Слева, метрах в ста или меньше от нашего танка, из кустарника появилась „матильда“, которая с задранной до отказу вверх пушкой, болтаясь на ухабах, как робот, двигалась прямо в бок нашему танку. Несомненно, водитель этого танка и, возможно, остальной экипаж погибли, но мотор продолжал работать, и машина двигалась неуправляемая, пока не опрокинется набок в траншею или не завалится в воронку. Уже осталось с десяток метров до нас, но мой водитель не видел надвигавшуюся опасность. Я стал кричать ему: „Слева танк! Герасимов! Танк слева… слева!“ — в надежде, что перекричу рев моторов и грохот орудий.
Башнер, услышал мой крик, понял, что это фрицевский танк, моментально начал разворачивать пушку.
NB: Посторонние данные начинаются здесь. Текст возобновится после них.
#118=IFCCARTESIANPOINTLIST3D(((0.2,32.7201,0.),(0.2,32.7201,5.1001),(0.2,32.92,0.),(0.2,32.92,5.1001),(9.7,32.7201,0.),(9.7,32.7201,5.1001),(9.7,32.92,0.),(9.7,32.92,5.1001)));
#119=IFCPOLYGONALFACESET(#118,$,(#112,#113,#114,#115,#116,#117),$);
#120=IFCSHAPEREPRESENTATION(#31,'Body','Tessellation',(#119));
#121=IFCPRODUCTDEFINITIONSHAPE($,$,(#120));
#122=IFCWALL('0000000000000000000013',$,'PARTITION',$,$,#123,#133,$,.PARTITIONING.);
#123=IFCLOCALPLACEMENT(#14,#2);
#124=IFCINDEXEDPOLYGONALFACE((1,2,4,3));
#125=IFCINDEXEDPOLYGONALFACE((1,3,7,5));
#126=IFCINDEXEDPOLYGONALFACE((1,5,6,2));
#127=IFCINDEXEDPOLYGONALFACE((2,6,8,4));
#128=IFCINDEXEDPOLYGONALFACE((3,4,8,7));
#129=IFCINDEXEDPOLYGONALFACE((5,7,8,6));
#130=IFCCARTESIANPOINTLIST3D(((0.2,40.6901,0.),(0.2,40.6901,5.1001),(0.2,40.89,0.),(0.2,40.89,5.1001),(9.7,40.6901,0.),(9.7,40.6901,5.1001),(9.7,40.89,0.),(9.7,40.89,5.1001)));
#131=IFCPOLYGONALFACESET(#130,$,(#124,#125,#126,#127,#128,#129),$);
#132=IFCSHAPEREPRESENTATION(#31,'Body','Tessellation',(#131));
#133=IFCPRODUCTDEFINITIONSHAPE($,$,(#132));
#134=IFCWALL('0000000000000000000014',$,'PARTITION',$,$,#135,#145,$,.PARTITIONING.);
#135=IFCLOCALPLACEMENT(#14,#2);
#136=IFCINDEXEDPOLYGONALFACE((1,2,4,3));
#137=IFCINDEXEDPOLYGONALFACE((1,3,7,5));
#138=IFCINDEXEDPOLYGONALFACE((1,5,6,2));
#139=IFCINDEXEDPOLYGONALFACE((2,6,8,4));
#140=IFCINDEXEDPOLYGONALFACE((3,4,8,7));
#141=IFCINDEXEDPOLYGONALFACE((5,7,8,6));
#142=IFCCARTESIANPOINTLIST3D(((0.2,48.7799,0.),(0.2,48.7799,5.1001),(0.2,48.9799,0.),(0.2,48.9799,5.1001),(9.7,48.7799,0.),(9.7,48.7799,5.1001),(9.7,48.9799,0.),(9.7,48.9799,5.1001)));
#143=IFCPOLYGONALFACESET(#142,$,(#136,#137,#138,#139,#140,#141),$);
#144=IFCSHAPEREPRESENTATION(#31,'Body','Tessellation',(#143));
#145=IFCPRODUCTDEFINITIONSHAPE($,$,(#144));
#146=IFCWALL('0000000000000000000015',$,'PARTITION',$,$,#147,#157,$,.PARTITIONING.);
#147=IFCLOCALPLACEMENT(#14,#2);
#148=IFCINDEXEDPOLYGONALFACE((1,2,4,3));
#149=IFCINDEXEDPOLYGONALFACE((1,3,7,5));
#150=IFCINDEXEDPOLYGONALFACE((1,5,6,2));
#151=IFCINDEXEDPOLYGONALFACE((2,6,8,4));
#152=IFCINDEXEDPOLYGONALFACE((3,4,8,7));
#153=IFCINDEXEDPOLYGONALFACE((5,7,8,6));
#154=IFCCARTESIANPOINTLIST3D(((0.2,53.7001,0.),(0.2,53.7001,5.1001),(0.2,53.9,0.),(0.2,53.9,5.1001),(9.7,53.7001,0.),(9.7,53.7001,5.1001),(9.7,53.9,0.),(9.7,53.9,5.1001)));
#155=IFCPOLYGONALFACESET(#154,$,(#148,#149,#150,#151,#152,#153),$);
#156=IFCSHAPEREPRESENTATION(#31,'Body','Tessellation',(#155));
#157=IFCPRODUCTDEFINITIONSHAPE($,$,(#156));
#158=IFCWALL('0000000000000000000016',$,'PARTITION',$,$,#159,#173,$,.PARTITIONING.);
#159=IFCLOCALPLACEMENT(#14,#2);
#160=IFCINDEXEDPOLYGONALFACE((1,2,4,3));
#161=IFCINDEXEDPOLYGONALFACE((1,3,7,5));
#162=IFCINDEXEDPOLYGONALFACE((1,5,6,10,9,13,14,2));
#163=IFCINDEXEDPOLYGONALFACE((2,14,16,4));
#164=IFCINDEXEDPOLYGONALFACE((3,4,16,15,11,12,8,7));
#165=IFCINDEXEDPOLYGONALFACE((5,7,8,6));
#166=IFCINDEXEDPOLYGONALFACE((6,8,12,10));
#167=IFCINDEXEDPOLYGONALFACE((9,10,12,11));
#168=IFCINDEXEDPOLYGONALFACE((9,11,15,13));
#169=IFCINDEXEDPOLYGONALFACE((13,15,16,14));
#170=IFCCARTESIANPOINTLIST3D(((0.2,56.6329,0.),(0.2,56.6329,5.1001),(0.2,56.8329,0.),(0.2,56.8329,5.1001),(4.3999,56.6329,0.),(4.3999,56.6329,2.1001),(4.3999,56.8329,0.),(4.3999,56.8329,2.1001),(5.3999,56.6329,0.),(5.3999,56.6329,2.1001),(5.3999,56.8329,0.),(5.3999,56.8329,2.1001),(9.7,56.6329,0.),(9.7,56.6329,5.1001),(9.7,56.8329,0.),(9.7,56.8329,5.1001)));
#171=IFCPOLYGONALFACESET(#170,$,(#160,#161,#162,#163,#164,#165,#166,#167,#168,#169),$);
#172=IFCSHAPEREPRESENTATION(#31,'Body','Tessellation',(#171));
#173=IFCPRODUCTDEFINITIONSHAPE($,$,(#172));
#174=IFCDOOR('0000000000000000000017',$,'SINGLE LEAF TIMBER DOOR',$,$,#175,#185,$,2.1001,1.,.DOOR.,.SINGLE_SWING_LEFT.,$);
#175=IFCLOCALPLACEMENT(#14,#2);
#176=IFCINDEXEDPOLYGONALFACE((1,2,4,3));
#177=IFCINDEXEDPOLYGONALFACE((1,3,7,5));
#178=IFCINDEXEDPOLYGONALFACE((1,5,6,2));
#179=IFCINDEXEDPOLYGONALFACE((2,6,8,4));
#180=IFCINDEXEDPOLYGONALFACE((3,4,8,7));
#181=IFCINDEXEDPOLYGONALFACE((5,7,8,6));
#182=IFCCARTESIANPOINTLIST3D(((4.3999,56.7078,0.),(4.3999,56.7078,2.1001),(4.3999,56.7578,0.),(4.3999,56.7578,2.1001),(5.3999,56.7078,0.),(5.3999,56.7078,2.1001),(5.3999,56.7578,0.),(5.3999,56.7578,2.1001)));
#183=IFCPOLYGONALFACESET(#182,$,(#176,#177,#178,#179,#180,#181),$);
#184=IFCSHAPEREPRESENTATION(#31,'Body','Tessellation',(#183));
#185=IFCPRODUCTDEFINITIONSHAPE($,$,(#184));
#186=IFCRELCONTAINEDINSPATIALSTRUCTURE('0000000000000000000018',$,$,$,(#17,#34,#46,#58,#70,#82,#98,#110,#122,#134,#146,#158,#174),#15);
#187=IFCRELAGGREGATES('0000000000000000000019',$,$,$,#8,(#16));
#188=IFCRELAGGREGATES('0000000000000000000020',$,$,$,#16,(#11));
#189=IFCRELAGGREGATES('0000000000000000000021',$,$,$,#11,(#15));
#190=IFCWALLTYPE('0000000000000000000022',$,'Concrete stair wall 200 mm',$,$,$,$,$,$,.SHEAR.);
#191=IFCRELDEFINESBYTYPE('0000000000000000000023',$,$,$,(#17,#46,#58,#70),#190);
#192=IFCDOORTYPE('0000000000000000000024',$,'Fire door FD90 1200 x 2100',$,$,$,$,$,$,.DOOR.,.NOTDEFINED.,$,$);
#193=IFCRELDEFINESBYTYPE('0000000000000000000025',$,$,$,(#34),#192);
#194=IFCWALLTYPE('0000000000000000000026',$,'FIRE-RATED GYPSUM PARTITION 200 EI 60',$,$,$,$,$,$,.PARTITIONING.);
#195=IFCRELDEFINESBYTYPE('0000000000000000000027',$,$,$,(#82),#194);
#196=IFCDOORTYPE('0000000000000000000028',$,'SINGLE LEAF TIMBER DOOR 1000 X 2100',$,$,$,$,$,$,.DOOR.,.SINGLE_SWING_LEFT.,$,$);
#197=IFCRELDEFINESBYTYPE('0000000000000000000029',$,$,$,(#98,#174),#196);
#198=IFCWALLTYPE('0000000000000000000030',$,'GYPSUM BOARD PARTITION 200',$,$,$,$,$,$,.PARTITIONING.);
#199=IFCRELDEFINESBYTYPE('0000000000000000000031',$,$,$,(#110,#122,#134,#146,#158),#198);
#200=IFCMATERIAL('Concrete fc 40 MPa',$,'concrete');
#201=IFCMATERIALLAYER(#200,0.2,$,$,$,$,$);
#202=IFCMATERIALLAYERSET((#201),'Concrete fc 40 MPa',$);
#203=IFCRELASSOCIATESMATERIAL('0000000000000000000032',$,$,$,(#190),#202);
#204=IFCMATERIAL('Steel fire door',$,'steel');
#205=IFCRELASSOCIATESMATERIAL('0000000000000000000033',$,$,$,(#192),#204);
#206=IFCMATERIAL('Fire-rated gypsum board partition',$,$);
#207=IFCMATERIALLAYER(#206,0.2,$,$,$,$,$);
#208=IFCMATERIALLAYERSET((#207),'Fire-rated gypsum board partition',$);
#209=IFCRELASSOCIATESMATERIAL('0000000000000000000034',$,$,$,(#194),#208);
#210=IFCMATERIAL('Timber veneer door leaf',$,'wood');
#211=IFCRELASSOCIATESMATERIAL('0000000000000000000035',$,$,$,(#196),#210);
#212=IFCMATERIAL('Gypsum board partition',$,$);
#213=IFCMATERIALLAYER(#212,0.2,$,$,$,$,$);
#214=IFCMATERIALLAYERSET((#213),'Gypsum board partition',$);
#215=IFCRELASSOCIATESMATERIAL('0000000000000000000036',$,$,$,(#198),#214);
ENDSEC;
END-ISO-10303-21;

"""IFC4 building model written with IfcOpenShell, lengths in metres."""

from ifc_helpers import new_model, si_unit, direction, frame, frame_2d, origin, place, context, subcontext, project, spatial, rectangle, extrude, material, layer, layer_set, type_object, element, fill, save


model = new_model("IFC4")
Чтобы ударить по немцу… Не отрываясь от перископа, я успел закричать теперь уже Гаврилову: „Это наш танк!“ — башнер понял, а то бы еще и поджег своего… Мой танк плавно притормозил и начал разворачиваться вправо: вероятно, Герасимов уже заметил приближавшийся таран, но… избежать его уже было поздно, теперь только бы не перевернуться. К счастью, удар прошел вскользь в самый перед нашего левого борта, не повредив направляющее колесо… Кто были эти погибшие ребята — товарищи по оружию, принявшие на себя часть общей тяжести боя за хутор, я так и не узнал.
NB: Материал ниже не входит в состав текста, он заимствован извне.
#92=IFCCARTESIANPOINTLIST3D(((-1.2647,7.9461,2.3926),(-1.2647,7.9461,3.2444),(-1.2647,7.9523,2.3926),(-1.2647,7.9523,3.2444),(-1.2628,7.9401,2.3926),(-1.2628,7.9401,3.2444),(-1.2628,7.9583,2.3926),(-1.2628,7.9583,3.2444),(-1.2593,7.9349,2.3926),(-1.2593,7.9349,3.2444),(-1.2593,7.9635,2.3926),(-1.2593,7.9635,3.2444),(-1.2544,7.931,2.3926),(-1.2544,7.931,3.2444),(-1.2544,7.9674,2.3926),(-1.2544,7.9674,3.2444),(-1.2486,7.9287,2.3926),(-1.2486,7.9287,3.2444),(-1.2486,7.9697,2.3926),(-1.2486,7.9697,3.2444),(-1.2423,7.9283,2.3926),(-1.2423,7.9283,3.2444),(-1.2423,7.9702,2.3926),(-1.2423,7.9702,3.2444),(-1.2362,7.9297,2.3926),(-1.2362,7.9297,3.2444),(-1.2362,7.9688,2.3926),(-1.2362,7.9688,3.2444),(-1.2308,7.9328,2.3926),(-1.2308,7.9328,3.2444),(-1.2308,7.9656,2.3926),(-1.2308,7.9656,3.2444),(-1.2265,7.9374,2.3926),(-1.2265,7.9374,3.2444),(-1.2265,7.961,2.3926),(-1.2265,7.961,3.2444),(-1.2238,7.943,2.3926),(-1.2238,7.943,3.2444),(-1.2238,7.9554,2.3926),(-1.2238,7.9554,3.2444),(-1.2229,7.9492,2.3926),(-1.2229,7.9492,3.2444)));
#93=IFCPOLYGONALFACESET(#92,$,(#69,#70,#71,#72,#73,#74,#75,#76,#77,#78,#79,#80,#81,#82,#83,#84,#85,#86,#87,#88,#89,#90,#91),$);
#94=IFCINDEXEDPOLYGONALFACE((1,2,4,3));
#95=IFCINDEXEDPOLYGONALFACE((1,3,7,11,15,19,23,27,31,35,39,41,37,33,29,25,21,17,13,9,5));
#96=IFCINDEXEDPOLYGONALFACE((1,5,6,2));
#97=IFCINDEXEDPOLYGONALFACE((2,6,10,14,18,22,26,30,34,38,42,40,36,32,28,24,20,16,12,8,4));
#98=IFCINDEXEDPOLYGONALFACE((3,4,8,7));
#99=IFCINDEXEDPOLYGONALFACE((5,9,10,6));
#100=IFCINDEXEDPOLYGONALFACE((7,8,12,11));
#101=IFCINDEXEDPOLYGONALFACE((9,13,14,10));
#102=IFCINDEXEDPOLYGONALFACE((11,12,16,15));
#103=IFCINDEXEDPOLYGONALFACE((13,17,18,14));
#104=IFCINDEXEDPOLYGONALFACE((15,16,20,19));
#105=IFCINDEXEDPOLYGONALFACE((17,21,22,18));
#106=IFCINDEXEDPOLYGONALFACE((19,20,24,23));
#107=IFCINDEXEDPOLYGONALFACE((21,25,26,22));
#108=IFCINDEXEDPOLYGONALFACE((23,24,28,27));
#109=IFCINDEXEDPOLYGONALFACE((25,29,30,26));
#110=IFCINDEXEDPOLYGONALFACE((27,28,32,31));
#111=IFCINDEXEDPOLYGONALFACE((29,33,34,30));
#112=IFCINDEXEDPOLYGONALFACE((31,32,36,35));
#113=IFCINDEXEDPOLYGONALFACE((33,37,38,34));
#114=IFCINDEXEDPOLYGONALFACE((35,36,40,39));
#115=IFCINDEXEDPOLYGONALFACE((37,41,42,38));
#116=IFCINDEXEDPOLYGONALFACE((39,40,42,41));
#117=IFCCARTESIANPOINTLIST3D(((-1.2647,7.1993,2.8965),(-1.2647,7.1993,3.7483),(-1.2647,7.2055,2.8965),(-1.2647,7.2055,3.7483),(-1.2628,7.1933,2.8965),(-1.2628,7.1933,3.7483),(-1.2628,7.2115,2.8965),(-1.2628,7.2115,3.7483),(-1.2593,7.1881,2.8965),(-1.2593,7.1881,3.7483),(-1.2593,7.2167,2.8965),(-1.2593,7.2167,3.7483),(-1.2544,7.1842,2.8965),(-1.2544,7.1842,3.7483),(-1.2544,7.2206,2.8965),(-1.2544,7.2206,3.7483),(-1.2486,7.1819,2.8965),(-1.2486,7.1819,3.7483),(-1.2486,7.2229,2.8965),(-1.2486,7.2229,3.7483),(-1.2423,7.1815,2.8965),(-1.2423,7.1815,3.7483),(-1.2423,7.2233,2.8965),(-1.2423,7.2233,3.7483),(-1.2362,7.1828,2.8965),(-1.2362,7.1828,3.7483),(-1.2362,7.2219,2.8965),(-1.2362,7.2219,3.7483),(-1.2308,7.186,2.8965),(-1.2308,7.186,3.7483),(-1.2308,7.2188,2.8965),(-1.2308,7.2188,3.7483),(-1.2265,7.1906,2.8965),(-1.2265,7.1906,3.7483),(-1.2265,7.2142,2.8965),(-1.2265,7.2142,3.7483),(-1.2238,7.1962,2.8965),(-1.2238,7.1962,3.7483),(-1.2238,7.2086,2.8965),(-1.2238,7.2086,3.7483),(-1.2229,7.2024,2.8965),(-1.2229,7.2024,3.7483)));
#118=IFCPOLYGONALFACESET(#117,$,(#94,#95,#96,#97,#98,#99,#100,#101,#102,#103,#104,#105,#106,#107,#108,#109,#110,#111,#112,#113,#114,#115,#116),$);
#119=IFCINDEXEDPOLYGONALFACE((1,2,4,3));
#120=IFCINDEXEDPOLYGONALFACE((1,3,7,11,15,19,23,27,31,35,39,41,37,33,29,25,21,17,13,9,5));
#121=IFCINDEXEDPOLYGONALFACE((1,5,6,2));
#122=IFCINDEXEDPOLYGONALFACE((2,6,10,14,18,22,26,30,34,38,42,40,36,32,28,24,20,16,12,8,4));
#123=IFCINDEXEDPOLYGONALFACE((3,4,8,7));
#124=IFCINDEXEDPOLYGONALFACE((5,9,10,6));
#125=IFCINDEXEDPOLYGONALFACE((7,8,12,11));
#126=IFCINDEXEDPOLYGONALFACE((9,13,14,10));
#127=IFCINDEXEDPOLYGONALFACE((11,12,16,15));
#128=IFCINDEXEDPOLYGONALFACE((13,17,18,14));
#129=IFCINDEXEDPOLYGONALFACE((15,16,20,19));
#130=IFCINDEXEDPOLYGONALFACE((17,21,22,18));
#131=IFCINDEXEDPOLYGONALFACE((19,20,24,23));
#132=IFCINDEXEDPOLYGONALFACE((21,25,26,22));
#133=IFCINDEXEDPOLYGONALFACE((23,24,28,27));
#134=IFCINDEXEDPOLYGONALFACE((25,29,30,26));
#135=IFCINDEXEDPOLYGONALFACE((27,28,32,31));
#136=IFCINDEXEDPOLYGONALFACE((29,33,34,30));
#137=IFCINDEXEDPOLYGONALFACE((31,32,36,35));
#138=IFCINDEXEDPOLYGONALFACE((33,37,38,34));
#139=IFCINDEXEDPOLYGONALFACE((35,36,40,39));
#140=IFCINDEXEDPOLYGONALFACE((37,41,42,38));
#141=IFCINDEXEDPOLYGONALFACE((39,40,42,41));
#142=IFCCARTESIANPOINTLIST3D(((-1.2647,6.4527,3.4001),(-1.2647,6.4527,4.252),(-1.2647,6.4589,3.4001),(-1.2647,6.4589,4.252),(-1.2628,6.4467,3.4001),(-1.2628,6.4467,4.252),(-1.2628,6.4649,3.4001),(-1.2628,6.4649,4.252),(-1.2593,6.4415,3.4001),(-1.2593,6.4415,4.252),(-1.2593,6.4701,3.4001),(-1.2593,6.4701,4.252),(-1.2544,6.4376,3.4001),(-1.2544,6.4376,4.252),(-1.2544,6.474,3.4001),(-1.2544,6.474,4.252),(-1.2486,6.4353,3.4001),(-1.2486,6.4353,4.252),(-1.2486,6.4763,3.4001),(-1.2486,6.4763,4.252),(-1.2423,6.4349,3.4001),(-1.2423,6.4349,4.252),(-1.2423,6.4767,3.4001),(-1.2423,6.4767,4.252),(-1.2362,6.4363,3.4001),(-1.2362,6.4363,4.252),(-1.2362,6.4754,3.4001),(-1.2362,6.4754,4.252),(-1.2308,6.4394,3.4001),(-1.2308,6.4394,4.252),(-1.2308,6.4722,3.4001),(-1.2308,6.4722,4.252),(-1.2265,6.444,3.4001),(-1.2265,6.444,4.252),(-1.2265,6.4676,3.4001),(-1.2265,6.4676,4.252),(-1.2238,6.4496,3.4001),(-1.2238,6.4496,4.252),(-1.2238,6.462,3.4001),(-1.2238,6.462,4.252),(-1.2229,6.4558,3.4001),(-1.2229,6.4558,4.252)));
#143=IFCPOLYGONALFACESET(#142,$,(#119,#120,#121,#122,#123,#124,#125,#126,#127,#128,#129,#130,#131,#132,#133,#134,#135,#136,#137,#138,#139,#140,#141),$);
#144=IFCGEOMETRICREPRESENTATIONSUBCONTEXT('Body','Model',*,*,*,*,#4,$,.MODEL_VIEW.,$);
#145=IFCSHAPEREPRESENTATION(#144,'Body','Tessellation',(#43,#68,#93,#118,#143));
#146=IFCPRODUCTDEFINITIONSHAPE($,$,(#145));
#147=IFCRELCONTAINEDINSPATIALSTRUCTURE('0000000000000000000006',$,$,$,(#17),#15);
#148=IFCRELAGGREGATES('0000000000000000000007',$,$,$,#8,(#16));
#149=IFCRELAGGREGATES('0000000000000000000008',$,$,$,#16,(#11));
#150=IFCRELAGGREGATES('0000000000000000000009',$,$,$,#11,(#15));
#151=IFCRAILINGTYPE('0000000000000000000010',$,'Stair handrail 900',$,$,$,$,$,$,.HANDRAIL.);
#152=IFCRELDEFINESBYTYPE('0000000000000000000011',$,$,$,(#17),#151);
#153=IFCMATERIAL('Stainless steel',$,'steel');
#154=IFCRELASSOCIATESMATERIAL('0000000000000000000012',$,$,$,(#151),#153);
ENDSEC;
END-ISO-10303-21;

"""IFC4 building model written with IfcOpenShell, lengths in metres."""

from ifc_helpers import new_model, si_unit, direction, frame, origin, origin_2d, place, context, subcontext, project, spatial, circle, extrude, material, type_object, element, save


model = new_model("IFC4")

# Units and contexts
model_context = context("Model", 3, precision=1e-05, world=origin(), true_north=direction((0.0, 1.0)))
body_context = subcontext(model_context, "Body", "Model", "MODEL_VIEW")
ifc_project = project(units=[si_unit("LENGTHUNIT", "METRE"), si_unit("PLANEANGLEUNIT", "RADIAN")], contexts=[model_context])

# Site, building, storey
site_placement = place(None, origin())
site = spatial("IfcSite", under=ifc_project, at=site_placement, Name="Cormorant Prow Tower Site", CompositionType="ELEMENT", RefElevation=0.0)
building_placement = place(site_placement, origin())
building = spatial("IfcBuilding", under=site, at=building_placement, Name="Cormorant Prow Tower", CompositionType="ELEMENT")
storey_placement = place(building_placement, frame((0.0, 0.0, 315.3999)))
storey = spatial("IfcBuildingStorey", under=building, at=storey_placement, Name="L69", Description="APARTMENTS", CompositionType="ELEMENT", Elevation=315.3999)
Теперь мой танк шел значительно правее от насыпи. Слева примерно в 70—100 метрах от нас двигались два „валентайна“. И вдруг глухой удар, и наша машина будто дернулась назад, в башне вспыхнул мутно-красный огонь, и в нос поддало едкой горечью… радист Коля Кубарев резко присел, согнувшись, а меня как деревянным молотком ударило в правое колено. В следующие секунды еще удар, и в башне полыхнуло огнем и едкой гарью, пушку резко рвануло, а башнер сержант Гаврилов провалился вниз. Рев мотора оборвался, и в наступившей тишине я успел подумать — следующий снаряд будет для меня, — как в ту же секунду вот он!.. Я словно поплыл куда-то в вонючем дыму, но еще осилил дернуть стопорный тросик на крышке люка, разбитой головой толкнуть их и вывалиться из люка.